Uncloudy Day, also known as Unclouded Day, is a gospel song. Originally popular in church hymnals, it has come to be recorded many times over the years since, including being an early attention-getter for future star act the Staple Singers. In 1956, their version served as an inspiration to Bob Dylan, who called it "the most mysterious thing I'd ever heard".

Song history 
Alwood related a story about the event that inspired the song:

The Staple Singers covered this song in 1956, 16-year-old Mavis Staples providing deep-voiced, soulful vocals that most assumed had come from an older woman expressing great experience, or even a man. It was also covered by the outlaw country singer Willie Nelson in 1977, and performed by both Nelson and Vermont rock band Phish at Farm Aid in 1998.

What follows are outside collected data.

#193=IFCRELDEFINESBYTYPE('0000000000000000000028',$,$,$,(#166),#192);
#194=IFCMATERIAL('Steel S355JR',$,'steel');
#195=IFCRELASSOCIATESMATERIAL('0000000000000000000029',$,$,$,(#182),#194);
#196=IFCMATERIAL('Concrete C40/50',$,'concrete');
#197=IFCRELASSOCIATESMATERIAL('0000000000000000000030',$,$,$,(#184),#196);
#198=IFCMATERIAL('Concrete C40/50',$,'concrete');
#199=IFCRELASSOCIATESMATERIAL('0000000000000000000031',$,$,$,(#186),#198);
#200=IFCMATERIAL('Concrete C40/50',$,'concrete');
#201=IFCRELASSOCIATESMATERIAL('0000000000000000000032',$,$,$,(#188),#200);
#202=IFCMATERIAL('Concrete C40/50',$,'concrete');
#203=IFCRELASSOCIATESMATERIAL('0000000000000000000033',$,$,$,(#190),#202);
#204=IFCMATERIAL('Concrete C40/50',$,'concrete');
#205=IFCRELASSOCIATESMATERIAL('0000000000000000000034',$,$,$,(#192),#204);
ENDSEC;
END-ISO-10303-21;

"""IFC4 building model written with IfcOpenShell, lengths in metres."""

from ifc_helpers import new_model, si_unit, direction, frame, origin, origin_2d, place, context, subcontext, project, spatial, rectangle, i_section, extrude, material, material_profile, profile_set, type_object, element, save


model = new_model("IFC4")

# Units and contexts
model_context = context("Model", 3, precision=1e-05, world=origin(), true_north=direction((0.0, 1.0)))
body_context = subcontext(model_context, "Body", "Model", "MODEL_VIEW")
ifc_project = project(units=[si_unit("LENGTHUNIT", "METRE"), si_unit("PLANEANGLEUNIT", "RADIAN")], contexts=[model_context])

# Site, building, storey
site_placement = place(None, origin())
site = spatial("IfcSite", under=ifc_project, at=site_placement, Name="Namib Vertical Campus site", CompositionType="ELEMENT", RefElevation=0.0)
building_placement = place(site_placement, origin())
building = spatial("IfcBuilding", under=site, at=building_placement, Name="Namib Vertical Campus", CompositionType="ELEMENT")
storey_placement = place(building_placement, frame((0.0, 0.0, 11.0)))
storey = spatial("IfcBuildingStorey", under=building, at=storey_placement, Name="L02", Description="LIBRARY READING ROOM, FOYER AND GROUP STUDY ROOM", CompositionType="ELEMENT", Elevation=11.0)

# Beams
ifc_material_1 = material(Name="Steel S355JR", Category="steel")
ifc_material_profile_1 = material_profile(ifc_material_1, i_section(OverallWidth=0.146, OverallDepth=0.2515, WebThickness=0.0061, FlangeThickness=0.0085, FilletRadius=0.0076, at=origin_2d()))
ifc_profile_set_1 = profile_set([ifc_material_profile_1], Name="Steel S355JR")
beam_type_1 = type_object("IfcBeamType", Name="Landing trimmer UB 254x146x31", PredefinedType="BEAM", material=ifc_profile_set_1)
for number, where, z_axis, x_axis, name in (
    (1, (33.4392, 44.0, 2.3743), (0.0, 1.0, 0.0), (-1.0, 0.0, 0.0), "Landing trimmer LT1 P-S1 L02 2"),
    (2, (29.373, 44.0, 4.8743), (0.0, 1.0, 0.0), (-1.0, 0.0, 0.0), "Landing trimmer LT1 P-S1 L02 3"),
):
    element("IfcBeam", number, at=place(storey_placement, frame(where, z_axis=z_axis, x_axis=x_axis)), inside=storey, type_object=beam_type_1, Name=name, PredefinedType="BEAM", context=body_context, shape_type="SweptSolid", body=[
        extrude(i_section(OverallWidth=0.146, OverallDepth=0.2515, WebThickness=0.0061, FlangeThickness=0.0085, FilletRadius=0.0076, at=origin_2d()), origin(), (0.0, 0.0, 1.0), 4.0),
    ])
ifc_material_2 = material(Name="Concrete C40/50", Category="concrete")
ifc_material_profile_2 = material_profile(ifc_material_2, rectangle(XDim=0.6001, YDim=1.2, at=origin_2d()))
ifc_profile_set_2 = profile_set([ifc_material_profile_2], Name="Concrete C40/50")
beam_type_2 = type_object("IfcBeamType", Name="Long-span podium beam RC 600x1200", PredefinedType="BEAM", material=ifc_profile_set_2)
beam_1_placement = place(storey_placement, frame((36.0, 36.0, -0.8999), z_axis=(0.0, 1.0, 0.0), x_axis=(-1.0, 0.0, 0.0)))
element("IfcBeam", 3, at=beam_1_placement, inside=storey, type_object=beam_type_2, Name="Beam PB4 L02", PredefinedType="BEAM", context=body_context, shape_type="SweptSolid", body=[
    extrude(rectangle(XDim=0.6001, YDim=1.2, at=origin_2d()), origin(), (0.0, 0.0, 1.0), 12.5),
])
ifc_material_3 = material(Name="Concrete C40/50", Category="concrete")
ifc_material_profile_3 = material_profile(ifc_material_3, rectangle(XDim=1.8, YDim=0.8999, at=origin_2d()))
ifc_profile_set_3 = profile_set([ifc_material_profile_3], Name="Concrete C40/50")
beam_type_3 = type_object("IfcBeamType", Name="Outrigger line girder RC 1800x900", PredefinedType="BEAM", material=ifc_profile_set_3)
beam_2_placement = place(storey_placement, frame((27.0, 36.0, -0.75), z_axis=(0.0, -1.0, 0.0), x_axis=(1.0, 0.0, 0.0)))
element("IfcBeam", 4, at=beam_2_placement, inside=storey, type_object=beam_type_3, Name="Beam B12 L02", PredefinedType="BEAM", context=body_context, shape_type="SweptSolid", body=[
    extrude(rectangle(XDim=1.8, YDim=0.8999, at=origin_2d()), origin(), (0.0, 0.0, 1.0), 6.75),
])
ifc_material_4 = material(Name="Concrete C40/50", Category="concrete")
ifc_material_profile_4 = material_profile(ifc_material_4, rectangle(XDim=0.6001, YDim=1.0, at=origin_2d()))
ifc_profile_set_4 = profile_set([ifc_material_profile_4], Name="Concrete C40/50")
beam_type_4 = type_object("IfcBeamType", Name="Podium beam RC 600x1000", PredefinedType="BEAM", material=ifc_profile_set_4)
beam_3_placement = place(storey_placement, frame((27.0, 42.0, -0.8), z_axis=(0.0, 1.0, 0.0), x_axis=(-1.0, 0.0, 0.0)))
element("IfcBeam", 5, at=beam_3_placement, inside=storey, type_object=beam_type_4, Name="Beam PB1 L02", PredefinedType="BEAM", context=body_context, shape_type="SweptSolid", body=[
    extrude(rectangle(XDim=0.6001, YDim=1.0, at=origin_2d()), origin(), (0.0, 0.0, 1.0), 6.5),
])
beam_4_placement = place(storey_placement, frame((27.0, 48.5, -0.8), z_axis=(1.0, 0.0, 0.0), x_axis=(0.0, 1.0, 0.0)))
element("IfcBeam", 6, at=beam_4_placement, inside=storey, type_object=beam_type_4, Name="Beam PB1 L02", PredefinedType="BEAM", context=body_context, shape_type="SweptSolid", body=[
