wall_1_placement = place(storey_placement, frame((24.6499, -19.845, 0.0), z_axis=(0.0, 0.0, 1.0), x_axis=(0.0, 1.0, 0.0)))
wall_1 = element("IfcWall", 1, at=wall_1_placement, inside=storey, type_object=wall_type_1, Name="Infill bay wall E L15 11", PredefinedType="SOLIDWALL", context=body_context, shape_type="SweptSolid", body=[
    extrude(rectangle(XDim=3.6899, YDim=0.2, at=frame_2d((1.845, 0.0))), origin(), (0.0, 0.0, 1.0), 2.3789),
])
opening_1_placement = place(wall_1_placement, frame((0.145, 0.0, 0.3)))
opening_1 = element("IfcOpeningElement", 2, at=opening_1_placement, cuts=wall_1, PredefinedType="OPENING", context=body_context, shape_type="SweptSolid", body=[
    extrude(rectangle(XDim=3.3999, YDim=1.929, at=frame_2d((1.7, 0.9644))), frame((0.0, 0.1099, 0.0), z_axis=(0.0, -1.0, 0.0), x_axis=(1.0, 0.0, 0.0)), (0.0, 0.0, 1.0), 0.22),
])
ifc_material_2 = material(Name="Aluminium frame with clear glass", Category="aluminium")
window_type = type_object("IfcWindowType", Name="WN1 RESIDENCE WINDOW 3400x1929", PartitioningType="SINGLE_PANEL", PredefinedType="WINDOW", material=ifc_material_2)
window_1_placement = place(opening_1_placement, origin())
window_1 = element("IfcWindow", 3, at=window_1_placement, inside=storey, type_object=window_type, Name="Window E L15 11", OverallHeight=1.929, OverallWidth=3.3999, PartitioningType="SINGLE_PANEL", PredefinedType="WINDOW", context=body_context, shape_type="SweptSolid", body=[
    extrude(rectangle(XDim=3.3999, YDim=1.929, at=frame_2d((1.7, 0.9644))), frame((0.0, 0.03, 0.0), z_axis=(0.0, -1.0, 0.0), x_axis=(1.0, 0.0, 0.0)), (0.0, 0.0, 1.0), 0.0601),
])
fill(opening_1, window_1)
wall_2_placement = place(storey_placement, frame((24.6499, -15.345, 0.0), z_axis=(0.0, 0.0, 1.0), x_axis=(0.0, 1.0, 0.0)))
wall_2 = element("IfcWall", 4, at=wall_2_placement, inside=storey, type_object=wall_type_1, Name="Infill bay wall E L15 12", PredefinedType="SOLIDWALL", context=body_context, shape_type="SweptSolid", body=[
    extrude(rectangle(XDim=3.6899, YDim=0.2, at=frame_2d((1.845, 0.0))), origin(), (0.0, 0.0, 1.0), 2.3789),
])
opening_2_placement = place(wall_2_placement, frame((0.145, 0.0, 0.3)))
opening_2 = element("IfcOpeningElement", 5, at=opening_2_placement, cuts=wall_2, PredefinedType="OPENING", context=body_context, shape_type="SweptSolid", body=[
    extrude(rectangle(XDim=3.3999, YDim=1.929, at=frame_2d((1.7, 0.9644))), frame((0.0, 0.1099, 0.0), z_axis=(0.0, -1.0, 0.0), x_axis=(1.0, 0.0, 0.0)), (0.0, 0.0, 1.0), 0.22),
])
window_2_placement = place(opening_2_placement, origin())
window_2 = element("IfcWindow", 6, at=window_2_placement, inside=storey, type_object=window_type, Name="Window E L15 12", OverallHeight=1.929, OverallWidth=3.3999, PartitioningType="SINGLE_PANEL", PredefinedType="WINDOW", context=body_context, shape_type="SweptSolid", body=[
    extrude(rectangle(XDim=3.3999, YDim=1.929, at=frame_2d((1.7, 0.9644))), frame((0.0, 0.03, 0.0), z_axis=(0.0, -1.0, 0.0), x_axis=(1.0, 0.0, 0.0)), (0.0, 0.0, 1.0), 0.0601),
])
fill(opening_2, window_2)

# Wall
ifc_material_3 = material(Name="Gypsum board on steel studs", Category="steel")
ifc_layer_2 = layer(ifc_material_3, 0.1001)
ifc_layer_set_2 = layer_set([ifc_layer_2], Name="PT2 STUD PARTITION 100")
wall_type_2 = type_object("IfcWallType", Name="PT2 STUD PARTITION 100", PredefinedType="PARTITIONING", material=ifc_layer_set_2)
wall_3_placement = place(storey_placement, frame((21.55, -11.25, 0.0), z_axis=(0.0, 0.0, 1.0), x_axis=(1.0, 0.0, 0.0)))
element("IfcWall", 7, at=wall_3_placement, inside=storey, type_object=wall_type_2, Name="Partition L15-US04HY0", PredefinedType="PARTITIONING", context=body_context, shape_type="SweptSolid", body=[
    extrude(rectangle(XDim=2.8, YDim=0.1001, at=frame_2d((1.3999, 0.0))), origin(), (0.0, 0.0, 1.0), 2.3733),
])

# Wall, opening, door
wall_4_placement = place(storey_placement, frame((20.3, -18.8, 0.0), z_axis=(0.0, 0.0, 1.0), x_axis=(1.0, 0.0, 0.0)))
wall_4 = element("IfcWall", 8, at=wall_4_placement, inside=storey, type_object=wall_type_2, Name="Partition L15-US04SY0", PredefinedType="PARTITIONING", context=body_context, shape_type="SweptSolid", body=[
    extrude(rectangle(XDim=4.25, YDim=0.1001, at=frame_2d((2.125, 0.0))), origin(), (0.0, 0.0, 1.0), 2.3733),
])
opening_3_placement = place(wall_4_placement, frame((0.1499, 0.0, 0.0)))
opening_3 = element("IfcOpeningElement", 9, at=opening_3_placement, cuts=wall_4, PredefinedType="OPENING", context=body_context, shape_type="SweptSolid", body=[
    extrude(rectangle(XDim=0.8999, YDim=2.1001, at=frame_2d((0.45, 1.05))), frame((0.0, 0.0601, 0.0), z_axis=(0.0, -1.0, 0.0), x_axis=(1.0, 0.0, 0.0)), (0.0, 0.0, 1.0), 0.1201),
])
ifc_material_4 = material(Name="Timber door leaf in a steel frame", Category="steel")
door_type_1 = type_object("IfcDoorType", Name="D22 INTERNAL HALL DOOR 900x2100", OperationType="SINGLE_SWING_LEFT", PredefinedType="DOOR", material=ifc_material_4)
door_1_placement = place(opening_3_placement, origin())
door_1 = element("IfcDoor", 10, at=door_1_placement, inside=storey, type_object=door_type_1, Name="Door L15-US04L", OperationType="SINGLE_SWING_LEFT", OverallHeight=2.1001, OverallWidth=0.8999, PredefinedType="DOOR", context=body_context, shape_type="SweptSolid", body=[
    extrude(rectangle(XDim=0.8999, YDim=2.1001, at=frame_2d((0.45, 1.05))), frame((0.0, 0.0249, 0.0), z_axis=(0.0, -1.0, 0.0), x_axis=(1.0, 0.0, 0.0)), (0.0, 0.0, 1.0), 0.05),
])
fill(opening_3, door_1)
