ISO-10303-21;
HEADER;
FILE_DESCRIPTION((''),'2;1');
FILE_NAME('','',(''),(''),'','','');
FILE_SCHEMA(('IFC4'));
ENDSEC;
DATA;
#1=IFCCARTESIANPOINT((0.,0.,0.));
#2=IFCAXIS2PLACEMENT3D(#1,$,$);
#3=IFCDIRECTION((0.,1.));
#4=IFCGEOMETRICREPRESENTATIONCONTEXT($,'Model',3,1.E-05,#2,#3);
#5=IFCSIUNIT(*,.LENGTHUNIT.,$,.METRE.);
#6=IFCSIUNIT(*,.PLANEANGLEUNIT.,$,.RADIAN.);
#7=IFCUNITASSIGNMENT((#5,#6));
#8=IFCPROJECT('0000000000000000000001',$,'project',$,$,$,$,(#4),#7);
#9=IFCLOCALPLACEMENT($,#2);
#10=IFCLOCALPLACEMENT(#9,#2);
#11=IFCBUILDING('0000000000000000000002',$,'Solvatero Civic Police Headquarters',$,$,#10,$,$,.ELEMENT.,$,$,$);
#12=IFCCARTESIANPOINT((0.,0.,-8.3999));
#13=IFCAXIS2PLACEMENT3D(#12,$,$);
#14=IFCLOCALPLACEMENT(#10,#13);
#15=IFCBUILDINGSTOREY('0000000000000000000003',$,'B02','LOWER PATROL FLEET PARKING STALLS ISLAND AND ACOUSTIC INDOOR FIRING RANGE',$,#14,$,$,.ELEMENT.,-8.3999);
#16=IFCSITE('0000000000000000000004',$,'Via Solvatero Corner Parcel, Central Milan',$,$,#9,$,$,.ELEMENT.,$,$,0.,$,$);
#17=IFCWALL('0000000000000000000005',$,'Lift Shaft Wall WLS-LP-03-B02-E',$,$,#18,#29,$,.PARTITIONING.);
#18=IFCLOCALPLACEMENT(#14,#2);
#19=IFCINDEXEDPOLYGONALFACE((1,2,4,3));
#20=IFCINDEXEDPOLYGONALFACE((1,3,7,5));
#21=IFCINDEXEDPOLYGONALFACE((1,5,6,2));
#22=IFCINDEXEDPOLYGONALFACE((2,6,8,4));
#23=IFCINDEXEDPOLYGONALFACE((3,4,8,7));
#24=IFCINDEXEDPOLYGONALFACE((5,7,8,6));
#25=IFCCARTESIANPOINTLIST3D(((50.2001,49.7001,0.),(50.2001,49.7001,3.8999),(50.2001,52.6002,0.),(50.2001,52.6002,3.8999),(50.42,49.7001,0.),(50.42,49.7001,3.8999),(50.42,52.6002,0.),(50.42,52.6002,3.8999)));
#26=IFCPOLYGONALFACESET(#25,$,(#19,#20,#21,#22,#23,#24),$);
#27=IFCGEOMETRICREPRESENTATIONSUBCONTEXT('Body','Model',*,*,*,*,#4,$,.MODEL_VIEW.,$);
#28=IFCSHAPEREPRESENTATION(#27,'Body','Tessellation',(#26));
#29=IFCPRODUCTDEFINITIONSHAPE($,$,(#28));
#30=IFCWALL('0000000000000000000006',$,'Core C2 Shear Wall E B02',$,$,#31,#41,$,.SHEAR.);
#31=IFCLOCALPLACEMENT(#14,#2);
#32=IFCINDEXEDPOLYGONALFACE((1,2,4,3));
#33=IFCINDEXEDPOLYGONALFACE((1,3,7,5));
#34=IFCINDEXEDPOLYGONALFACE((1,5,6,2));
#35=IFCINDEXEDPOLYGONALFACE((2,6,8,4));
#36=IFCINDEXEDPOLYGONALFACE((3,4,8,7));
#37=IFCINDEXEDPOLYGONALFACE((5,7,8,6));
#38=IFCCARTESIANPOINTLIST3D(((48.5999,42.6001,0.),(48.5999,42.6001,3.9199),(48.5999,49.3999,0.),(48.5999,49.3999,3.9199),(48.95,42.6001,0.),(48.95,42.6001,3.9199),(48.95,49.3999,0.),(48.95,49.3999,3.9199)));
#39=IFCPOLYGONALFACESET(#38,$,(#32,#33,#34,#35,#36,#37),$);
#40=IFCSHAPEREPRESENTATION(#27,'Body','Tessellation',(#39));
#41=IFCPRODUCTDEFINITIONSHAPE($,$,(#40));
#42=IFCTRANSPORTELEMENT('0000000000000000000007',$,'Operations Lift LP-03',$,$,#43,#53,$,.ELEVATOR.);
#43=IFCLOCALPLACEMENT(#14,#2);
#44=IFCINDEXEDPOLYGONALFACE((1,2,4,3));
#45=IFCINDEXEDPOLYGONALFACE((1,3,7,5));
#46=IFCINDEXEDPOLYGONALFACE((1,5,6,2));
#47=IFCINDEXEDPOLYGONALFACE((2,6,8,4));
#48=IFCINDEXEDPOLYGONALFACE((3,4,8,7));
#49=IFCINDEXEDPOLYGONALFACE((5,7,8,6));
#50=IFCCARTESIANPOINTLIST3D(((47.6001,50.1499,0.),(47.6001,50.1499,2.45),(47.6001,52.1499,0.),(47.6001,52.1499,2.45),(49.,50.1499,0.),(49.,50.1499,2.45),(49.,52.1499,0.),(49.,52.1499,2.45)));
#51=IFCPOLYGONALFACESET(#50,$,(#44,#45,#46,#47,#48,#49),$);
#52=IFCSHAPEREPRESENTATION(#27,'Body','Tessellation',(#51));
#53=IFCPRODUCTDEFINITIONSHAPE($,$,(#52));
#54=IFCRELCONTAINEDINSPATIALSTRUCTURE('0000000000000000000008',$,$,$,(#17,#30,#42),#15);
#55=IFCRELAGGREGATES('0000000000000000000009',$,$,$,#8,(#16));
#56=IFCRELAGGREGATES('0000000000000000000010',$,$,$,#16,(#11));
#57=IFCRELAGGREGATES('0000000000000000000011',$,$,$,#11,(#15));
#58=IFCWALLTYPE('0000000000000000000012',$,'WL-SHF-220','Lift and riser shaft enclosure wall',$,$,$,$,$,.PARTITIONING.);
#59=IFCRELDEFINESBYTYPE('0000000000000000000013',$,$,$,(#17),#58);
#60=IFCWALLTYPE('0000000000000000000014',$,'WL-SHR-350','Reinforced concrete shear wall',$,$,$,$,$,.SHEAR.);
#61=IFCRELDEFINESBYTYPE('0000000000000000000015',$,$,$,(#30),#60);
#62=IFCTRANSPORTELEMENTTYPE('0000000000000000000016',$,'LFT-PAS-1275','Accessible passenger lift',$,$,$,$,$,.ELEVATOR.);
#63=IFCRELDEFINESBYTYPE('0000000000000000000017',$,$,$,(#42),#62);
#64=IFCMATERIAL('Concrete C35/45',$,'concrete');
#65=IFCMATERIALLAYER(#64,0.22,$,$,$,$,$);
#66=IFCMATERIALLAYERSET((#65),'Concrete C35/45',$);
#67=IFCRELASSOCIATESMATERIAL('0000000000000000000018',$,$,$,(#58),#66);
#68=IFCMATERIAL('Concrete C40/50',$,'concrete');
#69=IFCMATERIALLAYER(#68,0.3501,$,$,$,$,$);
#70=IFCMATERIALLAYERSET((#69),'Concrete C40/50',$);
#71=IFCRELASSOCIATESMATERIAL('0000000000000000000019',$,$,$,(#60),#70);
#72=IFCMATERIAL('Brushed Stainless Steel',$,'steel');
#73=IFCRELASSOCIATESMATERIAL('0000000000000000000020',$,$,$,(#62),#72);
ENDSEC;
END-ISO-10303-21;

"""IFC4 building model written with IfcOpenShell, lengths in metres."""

from ifc_helpers import new_model, si_unit, direction, frame, frame_2d, origin, origin_2d, place, context, subcontext, project, spatial, rectangle, extrude, material, layer, layer_set, type_object, element, save


model = new_model("IFC4")

# Units and contexts
model_context = context("Model", 3, precision=1e-05, world=origin(), true_north=direction((0.0, 1.0)))
body_context = subcontext(model_context, "Body", "Model", "MODEL_VIEW")
ifc_project = project(units=[si_unit("LENGTHUNIT", "METRE"), si_unit("PLANEANGLEUNIT", "RADIAN")], contexts=[model_context])

# Site, building, storey
site_placement = place(None, origin())
site = spatial("IfcSite", under=ifc_project, at=site_placement, Name="Via Solvatero Corner Parcel, Central Milan", CompositionType="ELEMENT", RefElevation=0.0)
building_placement = place(site_placement, origin())
building = spatial("IfcBuilding", under=site, at=building_placement, Name="Solvatero Civic Police Headquarters", CompositionType="ELEMENT")
storey_placement = place(building_placement, frame((0.0, 0.0, -8.3999)))
storey = spatial("IfcBuildingStorey", under=building, at=storey_placement, Name="B02", Description="LOWER PATROL FLEET PARKING STALLS ISLAND AND ACOUSTIC INDOOR FIRING RANGE", CompositionType="ELEMENT", Elevation=-8.3999)

# Shared definitions
ifc_material_1 = material(Name="Concrete C35/45", Category="concrete")

# Shared definitions
ifc_material_2 = material(Name="Concrete C40/50", Category="concrete")

# Walls
ifc_layer_1 = layer(ifc_material_1, 0.22)
ifc_layer_set_1 = layer_set([ifc_layer_1], Name="Concrete C35/45")
wall_type_1 = type_object("IfcWallType", Name="WL-SHF-220", Description="Lift and riser shaft enclosure wall", PredefinedType="PARTITIONING", material=ifc_layer_set_1)
wall_1_placement = place(storey_placement, frame((50.3101, 49.7, 0.0), z_axis=(0.0, 0.0, 1.0), x_axis=(0.0, 1.0, 0.0)))
element("IfcWall", 1, at=wall_1_placement, inside=storey, type_object=wall_type_1, Name="Lift Shaft Wall WLS-LP-03-B02-E", PredefinedType="PARTITIONING", context=body_context, shape_type="SweptSolid", body=[
    extrude(rectangle(XDim=2.9001, YDim=0.22, at=frame_2d((1.4502, 0.0))), origin(), (0.0, 0.0, 1.0), 3.8999),
])
ifc_layer_2 = layer(ifc_material_2, 0.3501)
ifc_layer_set_2 = layer_set([ifc_layer_2], Name="Concrete C40/50")
wall_type_2 = type_object("IfcWallType", Name="WL-SHR-350", Description="Reinforced concrete shear wall", PredefinedType="SHEAR", material=ifc_layer_set_2)
wall_2_placement = place(storey_placement, frame((48.7749, 42.6001, 0.0), z_axis=(0.0, 0.0, 1.0), x_axis=(0.0, 1.0, 0.0)))
element("IfcWall", 2, at=wall_2_placement, inside=storey, type_object=wall_type_2, Name="Core C2 Shear Wall E B02", PredefinedType="SHEAR", context=body_context, shape_type="SweptSolid", body=[
    extrude(rectangle(XDim=6.7998, YDim=0.3501, at=frame_2d((3.3999, 0.0))), origin(), (0.0, 0.0, 1.0), 3.9199),
])

# Transport element
ifc_material_3 = material(Name="Brushed Stainless Steel", Category="steel")
transport_element_type = type_object("IfcTransportElementType", Name="LFT-PAS-1275", Description="Accessible passenger lift", PredefinedType="ELEVATOR", material=ifc_material_3)
transport_element_placement = place(storey_placement, frame((48.3, 51.1499, 0.0), z_axis=(0.0, 0.0, 1.0), x_axis=(1.0, 0.0, 0.0)))
element("IfcTransportElement", 3, at=transport_element_placement, inside=storey, type_object=transport_element_type, Name="Operations Lift LP-03", PredefinedType="ELEVATOR", context=body_context, shape_type="SweptSolid", body=[
    extrude(rectangle(XDim=1.3999, YDim=2.0, at=origin_2d()), origin(), (0.0, 0.0, 1.0), 2.45),
])

save(model, "model.ifc")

Among other artists to have recorded this song are Gloria Lynne (1954), Johnny Cash (1970), B. J. Thomas, Rory Block (1981), Myrna Summers (1981),Don Henley (1982), Doc Watson (1990), Sons of the San Joaquin (1997), Randy Travis (2003), Brad Paisley (2005), Brenda Lee (2007), The Blind Boys of Alabama (2008) and Audra Mae (2011).

Lyrics 
O they tell me of a home far beyond the skies,
O they tell me of a home far away;
O they tell me of a home where no storm clouds rise,
O they tell me of an unclouded day.

[Refrain]

O the land of cloudless day,
O the land of an unclouded day,
O they tell me of a home where no storm clouds rise,
O they tell me of an unclouded day.

O they tell me of a home where my friends have gone,
O they tell me of that land far away,
Where the tree of life in eternal bloom
Sheds its fragrance through the unclouded day.

[Refrain]

O they tell me of a King in His beauty there,
And they tell me that mine eyes shall behold
Where He sits on the throne that is whiter than snow,
In the city that is made of gold.

[Refrain]

O they tell me that He smiles on His children there,
And His smile drives their sorrows all away;
And they tell me that no tears ever come again
In that lovely land of unclouded day.